The body count in D&D really bums me out, especially when it comes to my players (my kids).

The kill count of an adventurer who makes it to level 20 is only one seen by a small number of machine gun operators in modern times. Soldiers who kill in war have high incidence of PTSD and other mental illness. I have a hard time getting away from that idea that this “Robocop 2”-level bodycount really makes the game bleak and sad.

What if…

  • most enemies stopped attacking after half damage, and tried to reach safety instead
  • when you take half your hit points worth of damage you get a level of exhaustion
  • when you come back from zero hit points you have a level of exhaustion
  • most opponents swoon or cower after 3/4 damage
  • if you have killed a person, on a long rest you had to make a flat d20 roll and beat 10+ the number of people you killed or your rest doesn’t clear any exhaustion

Does that just ruin D&D or could it still be fun?

Enworld Forums

Hireling Loyalty Is a Fun Mini-game

July 9, 2024

One of the interesting effects of enforcing encumbrance is that you realize how useful porters and linkboys can be. Hireling loyalty is a fun mini-game in and of itself.

Dragonfoot Forums

A Substitute For Lackluster Stakes

July 9, 2024

…An increased importance of leveling up comes from the campaign itself being unrewarding. When gaining levels and ability becomes the center of playing the game, it’s a substitute for lackluster events and stakes.

Enworld Forums

Low-level Versus High-level Roleplay

July 8, 2024

Low level D&D play is about struggling against the [ever-present] specter of Death in a dark, lonely dungeon filled with monsters.

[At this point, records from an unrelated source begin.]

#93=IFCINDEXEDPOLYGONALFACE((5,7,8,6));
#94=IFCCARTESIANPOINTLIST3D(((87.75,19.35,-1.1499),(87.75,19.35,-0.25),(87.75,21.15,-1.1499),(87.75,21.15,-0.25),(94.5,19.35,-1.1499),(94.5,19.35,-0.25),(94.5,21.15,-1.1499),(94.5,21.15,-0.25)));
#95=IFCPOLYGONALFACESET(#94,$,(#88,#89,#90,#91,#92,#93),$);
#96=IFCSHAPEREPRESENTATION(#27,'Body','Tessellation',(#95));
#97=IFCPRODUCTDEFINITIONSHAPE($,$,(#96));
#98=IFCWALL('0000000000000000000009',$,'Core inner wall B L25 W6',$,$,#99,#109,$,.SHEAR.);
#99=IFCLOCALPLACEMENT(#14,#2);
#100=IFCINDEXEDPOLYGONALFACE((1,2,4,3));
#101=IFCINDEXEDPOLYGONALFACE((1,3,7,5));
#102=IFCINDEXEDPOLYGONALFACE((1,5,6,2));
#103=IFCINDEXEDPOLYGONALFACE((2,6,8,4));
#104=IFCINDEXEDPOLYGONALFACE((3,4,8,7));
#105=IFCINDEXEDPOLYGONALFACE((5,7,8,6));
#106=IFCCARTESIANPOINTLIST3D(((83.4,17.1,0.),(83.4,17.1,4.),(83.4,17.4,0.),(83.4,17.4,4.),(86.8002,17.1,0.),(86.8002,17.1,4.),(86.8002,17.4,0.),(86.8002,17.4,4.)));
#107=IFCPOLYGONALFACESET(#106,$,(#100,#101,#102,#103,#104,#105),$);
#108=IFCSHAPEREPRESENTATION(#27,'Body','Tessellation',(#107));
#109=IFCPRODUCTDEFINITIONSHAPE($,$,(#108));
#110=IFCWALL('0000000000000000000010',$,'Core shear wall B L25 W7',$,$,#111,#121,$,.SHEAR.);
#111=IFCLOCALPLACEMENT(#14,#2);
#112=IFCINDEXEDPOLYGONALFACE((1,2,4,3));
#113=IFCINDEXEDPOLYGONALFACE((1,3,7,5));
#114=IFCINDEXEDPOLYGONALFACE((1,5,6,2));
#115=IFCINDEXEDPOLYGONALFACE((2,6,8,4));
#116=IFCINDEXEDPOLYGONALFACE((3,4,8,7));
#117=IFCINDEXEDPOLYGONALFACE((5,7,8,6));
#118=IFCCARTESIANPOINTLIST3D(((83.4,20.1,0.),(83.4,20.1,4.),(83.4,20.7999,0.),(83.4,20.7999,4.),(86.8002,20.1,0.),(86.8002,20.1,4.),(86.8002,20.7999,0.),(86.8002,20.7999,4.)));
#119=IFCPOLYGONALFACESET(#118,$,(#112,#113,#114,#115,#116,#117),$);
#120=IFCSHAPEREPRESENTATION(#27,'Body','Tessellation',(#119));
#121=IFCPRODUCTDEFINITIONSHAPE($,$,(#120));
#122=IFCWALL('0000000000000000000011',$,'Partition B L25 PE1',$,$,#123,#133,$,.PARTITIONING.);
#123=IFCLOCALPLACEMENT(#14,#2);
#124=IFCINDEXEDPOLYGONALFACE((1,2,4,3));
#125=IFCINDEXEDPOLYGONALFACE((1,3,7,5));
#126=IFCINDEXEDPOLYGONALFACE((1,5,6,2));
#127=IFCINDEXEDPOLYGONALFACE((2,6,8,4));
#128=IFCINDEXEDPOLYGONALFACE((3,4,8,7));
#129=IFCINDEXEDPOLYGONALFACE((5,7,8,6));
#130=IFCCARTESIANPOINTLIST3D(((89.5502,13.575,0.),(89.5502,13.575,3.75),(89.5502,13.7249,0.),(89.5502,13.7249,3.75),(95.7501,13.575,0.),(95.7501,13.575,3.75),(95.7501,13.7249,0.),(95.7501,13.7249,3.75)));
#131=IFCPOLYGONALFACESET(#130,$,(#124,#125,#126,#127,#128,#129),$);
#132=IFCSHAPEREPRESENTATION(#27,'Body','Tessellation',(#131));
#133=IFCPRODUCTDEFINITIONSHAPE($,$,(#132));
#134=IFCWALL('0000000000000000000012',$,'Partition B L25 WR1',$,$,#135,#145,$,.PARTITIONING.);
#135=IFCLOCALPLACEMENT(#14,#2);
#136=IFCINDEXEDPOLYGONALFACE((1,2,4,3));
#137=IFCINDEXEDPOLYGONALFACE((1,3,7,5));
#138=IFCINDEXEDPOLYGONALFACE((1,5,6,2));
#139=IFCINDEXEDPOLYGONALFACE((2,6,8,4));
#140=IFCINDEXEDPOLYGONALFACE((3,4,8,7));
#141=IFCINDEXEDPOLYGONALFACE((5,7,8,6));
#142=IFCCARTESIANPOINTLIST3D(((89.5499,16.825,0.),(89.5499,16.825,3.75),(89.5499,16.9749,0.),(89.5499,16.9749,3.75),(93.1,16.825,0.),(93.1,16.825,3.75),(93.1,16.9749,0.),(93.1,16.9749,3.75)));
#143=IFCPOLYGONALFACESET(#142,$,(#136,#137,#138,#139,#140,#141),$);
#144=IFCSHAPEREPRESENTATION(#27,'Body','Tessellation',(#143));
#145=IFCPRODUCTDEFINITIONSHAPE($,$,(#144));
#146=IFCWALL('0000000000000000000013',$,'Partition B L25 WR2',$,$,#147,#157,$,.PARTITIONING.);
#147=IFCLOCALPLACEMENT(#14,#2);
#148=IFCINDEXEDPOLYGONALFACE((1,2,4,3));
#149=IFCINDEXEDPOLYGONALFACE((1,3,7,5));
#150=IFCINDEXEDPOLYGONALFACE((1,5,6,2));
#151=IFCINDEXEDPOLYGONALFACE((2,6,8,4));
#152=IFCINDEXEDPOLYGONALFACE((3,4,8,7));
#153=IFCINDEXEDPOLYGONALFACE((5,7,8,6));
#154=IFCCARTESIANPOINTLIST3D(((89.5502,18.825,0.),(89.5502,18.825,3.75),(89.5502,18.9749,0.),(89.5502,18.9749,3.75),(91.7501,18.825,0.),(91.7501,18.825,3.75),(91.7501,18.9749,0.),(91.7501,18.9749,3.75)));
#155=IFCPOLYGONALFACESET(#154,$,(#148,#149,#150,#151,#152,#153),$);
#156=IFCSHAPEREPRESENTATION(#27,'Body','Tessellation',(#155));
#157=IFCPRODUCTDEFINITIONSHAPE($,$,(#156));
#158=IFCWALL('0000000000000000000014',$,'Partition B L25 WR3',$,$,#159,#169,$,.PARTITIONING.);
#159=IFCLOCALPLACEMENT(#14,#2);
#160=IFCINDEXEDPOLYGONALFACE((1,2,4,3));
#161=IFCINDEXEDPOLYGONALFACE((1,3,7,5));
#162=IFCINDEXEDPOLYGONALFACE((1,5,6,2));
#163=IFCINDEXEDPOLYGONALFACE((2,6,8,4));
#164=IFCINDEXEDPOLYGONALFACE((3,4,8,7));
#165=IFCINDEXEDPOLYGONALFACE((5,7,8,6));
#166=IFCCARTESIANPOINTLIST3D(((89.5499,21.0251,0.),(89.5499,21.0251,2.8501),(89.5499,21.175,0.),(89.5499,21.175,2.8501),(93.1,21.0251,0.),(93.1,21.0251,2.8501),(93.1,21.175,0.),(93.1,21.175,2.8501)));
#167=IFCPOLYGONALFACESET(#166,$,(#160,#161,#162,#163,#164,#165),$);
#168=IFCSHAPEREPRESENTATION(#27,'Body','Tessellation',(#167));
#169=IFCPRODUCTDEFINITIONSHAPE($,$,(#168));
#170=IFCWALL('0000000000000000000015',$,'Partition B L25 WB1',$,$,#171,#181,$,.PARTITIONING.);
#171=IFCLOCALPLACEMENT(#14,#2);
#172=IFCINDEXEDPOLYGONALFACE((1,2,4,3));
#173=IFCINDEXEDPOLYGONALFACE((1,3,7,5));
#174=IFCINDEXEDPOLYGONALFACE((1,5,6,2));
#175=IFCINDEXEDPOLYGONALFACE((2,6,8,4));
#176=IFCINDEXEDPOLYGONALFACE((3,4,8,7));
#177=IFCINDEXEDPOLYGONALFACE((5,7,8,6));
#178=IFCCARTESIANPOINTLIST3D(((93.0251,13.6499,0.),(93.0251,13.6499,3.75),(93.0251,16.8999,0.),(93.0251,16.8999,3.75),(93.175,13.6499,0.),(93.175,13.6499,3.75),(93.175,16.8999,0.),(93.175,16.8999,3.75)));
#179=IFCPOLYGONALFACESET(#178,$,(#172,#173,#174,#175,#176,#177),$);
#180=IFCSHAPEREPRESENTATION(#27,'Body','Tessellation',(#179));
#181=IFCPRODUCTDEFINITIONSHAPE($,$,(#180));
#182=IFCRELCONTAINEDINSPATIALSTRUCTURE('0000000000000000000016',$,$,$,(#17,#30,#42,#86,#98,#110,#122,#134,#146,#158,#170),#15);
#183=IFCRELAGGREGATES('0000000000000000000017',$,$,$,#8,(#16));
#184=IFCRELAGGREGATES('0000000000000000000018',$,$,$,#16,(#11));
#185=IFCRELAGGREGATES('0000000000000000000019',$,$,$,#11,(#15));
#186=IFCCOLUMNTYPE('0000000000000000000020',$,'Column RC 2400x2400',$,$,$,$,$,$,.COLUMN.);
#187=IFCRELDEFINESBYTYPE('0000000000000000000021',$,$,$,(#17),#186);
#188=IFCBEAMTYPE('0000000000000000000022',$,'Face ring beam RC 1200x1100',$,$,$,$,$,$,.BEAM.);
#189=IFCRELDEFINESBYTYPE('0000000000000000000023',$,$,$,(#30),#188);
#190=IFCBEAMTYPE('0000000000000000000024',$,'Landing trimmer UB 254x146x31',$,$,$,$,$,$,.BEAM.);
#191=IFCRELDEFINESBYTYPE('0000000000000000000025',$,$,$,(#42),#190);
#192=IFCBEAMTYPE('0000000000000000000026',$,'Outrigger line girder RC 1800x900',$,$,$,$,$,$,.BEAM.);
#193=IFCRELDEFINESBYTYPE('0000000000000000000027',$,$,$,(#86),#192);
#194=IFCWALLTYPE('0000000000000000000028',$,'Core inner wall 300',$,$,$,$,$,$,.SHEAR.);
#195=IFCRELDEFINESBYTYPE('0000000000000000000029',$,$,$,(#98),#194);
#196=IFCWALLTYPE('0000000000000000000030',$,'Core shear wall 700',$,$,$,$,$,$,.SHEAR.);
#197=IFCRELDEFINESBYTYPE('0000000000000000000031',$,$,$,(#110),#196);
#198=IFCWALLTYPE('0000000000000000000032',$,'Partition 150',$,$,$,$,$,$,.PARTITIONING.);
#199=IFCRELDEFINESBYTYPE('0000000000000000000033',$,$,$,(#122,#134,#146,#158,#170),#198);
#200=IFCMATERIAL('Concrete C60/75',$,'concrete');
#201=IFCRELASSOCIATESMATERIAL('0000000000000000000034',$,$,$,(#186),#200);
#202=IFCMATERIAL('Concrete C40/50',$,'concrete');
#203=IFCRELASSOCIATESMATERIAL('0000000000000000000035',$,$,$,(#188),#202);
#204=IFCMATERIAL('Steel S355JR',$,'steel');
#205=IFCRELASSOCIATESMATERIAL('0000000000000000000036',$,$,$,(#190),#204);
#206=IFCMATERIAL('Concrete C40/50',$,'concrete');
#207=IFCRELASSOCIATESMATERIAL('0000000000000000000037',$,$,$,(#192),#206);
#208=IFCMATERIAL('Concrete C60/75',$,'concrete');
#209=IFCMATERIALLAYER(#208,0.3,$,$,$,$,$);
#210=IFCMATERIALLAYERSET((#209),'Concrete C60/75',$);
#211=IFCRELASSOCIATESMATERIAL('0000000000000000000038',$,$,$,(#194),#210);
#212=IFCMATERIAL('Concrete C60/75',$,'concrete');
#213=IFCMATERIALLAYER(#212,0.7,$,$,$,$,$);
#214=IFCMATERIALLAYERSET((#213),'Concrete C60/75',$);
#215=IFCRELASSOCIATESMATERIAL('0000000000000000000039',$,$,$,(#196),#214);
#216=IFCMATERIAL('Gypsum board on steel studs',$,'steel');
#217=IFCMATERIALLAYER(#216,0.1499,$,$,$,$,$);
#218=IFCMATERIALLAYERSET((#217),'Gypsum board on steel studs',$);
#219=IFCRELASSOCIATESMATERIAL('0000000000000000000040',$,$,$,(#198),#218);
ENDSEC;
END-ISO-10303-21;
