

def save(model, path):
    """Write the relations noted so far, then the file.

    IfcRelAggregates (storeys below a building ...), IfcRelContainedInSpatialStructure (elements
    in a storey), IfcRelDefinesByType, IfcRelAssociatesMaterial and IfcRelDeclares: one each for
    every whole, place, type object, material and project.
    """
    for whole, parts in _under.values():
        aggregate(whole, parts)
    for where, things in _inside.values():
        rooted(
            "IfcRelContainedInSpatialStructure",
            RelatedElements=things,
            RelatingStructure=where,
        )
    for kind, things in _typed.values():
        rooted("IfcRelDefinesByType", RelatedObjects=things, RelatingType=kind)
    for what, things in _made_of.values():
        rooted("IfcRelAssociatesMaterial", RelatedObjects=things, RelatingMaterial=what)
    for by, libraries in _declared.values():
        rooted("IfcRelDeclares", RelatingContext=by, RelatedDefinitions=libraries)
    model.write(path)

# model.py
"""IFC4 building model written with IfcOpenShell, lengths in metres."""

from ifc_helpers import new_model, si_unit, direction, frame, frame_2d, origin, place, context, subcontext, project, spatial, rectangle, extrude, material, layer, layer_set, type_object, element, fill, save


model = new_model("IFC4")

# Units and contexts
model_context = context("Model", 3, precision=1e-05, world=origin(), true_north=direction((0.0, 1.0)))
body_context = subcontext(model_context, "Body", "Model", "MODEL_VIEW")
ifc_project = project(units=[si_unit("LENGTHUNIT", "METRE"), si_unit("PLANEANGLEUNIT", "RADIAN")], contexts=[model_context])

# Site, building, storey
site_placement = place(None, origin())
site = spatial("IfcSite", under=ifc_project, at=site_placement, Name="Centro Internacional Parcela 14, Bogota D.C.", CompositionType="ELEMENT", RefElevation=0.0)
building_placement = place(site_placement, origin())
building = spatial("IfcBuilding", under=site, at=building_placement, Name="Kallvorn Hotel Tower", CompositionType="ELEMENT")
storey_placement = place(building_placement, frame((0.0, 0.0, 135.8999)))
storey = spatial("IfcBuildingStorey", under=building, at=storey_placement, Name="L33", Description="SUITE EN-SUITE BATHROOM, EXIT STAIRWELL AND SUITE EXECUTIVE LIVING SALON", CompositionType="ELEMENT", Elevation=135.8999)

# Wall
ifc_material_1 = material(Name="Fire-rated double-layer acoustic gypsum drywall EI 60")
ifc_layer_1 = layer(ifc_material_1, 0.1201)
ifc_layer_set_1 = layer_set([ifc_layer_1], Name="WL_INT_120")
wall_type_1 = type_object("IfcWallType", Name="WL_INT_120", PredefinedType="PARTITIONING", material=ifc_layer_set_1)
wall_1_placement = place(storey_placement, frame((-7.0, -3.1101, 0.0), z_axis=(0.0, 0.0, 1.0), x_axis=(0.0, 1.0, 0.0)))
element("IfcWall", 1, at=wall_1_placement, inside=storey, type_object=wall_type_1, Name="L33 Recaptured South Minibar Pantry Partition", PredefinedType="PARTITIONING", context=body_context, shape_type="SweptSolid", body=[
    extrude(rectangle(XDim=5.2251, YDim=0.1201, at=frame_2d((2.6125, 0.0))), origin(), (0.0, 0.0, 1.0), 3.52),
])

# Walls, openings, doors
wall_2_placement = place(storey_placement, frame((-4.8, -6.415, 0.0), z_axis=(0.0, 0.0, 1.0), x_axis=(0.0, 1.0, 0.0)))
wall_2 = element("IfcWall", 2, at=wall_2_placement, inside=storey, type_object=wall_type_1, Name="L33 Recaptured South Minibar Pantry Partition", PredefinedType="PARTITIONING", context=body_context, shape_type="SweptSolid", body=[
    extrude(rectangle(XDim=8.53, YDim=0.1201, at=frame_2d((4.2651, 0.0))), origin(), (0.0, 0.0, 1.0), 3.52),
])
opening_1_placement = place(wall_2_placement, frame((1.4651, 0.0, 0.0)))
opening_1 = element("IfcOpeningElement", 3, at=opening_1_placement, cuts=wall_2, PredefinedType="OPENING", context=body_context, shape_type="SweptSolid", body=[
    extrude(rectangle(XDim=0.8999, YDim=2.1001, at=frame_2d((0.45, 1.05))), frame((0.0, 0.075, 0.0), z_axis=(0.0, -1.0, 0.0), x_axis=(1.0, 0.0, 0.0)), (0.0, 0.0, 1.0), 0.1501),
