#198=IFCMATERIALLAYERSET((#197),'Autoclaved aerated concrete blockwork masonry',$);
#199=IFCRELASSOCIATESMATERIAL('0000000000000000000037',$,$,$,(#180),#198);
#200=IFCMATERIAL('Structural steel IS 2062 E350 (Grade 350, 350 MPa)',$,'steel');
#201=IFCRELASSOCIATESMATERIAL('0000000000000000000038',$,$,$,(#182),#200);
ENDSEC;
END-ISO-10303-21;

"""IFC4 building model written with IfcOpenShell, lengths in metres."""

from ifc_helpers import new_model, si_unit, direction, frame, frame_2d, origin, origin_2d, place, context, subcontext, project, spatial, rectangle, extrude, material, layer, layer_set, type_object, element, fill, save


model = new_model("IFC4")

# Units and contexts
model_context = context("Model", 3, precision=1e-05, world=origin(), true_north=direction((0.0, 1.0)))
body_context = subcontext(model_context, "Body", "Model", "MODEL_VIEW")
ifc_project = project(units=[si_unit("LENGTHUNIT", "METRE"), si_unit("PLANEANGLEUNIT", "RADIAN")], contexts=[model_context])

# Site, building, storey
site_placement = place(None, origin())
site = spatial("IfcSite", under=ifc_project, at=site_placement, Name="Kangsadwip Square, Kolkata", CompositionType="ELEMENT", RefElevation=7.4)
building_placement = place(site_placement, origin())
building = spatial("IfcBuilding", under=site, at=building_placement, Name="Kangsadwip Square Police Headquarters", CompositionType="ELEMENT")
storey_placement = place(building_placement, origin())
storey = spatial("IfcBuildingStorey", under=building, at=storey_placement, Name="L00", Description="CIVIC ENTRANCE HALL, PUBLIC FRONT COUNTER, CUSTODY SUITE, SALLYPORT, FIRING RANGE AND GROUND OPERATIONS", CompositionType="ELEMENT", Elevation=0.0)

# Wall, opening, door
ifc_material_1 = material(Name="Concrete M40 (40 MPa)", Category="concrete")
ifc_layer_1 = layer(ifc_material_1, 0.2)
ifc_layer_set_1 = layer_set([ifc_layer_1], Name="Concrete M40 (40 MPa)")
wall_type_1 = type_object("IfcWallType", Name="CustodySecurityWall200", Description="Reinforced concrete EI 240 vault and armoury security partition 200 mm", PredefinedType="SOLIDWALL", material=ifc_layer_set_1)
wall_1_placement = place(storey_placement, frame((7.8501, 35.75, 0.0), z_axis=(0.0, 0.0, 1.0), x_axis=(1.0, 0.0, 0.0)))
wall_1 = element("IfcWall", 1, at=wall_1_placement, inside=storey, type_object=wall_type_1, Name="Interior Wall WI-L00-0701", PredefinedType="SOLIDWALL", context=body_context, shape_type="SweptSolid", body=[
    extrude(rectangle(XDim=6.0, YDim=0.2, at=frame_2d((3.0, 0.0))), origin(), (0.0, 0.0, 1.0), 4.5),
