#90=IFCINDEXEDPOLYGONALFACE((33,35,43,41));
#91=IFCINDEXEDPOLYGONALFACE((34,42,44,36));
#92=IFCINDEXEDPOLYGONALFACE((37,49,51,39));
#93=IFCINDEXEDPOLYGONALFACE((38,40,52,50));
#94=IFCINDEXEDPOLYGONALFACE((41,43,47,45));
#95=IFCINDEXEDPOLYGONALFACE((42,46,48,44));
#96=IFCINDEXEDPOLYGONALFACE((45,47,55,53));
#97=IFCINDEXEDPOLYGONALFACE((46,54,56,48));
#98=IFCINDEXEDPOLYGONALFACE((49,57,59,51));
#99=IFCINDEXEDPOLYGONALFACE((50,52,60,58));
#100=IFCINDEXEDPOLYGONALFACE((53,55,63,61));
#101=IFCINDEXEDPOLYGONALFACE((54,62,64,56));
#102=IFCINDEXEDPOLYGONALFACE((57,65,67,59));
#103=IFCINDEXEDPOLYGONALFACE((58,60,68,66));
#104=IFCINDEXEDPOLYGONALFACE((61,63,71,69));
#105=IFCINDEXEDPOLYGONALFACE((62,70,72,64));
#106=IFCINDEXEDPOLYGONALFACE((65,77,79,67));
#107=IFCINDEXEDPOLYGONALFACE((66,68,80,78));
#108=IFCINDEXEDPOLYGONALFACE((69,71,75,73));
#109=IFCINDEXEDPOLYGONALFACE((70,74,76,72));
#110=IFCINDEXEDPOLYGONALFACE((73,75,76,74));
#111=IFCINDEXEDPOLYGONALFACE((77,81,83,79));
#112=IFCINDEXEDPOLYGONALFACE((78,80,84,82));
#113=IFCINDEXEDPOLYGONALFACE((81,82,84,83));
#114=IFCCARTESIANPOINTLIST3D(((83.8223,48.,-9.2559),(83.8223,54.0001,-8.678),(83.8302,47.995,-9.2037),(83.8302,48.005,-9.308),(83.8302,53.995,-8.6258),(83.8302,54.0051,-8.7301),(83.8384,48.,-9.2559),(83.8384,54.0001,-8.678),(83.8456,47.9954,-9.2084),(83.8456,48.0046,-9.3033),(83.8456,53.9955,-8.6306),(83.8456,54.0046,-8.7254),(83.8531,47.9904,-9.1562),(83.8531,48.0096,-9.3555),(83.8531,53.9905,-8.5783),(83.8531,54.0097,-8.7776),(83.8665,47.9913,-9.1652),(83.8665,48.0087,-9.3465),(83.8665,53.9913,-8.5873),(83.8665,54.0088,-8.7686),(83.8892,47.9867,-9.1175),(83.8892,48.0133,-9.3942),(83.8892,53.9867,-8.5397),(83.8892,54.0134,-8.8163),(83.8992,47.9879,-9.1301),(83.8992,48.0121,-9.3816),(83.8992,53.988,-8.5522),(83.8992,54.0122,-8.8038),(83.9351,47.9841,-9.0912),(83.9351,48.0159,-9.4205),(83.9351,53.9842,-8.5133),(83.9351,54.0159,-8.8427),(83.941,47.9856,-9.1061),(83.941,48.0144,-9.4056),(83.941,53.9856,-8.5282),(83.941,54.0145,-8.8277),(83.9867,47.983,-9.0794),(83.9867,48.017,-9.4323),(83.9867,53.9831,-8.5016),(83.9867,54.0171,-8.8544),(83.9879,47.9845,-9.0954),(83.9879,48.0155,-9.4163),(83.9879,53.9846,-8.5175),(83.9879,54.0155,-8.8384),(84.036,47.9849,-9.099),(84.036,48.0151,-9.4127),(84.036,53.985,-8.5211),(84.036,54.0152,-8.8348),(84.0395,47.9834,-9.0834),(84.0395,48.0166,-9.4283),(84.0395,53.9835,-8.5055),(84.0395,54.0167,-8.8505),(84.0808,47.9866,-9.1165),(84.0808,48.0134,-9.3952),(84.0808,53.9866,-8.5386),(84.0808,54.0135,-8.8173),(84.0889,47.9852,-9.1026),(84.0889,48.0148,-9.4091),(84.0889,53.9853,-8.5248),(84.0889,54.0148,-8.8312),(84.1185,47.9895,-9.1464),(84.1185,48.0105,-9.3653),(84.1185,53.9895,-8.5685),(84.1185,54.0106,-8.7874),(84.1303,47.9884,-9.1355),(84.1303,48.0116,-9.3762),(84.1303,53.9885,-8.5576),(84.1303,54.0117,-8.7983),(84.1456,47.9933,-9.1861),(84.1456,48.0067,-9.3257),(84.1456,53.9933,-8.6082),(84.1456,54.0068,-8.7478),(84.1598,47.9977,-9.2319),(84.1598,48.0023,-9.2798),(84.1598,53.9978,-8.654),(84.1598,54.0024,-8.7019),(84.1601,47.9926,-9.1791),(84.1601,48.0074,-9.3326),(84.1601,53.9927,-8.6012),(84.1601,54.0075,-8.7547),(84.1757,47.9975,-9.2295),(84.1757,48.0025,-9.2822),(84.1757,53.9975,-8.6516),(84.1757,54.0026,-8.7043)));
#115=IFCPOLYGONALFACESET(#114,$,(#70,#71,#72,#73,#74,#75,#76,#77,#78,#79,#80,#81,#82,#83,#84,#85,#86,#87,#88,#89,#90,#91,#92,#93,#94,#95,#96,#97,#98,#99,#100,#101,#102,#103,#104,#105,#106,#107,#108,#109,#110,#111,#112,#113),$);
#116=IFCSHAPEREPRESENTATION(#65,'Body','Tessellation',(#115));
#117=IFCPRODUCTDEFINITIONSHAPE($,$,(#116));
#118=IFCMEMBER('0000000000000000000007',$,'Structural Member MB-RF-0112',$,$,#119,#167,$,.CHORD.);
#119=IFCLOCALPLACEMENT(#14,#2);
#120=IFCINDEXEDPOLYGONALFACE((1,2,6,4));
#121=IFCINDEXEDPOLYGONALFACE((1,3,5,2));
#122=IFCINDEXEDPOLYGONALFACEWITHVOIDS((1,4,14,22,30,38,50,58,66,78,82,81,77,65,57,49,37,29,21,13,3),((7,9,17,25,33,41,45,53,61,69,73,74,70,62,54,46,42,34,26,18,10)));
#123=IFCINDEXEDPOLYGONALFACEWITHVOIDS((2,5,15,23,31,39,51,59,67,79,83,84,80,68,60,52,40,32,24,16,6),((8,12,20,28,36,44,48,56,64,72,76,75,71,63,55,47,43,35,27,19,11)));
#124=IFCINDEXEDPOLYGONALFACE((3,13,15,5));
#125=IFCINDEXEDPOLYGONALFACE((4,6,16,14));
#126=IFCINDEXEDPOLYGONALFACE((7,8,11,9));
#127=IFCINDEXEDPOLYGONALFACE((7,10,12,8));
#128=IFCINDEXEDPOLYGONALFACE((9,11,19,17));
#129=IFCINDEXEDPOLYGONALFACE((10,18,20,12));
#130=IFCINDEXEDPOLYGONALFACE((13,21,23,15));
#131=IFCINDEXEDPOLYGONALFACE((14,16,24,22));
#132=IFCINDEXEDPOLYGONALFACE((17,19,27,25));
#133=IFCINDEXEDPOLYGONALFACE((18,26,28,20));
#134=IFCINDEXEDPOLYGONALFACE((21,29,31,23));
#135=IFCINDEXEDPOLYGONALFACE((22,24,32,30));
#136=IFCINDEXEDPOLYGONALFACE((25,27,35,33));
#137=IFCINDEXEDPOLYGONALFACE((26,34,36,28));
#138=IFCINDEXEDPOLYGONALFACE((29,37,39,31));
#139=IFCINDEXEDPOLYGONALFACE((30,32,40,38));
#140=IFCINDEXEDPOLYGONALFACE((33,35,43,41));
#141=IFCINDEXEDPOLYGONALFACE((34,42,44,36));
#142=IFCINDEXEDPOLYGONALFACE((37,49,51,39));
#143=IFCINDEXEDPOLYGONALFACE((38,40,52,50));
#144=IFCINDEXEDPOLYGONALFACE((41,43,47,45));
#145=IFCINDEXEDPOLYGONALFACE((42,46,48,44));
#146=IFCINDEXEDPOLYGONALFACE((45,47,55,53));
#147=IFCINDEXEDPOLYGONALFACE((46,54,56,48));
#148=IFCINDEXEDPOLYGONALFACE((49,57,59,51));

High level D&D play is about the monsters trying to survive the PCs.

High level play should be about your PCs having fun and going nuts with their power. Too many DMs and system designers don’t get it and don’t like it, and try to find ways to bring PCs back down to the relative power of beginner characters. Players, on the other hand, have an instinctive desire to make their characters ever more wildly powerful.

Low level vs High level chars – Farooq’s Gaming Blog

Thank the gods for the Internet Archive Wayback Machine, else I could not have linked to the source blogpost.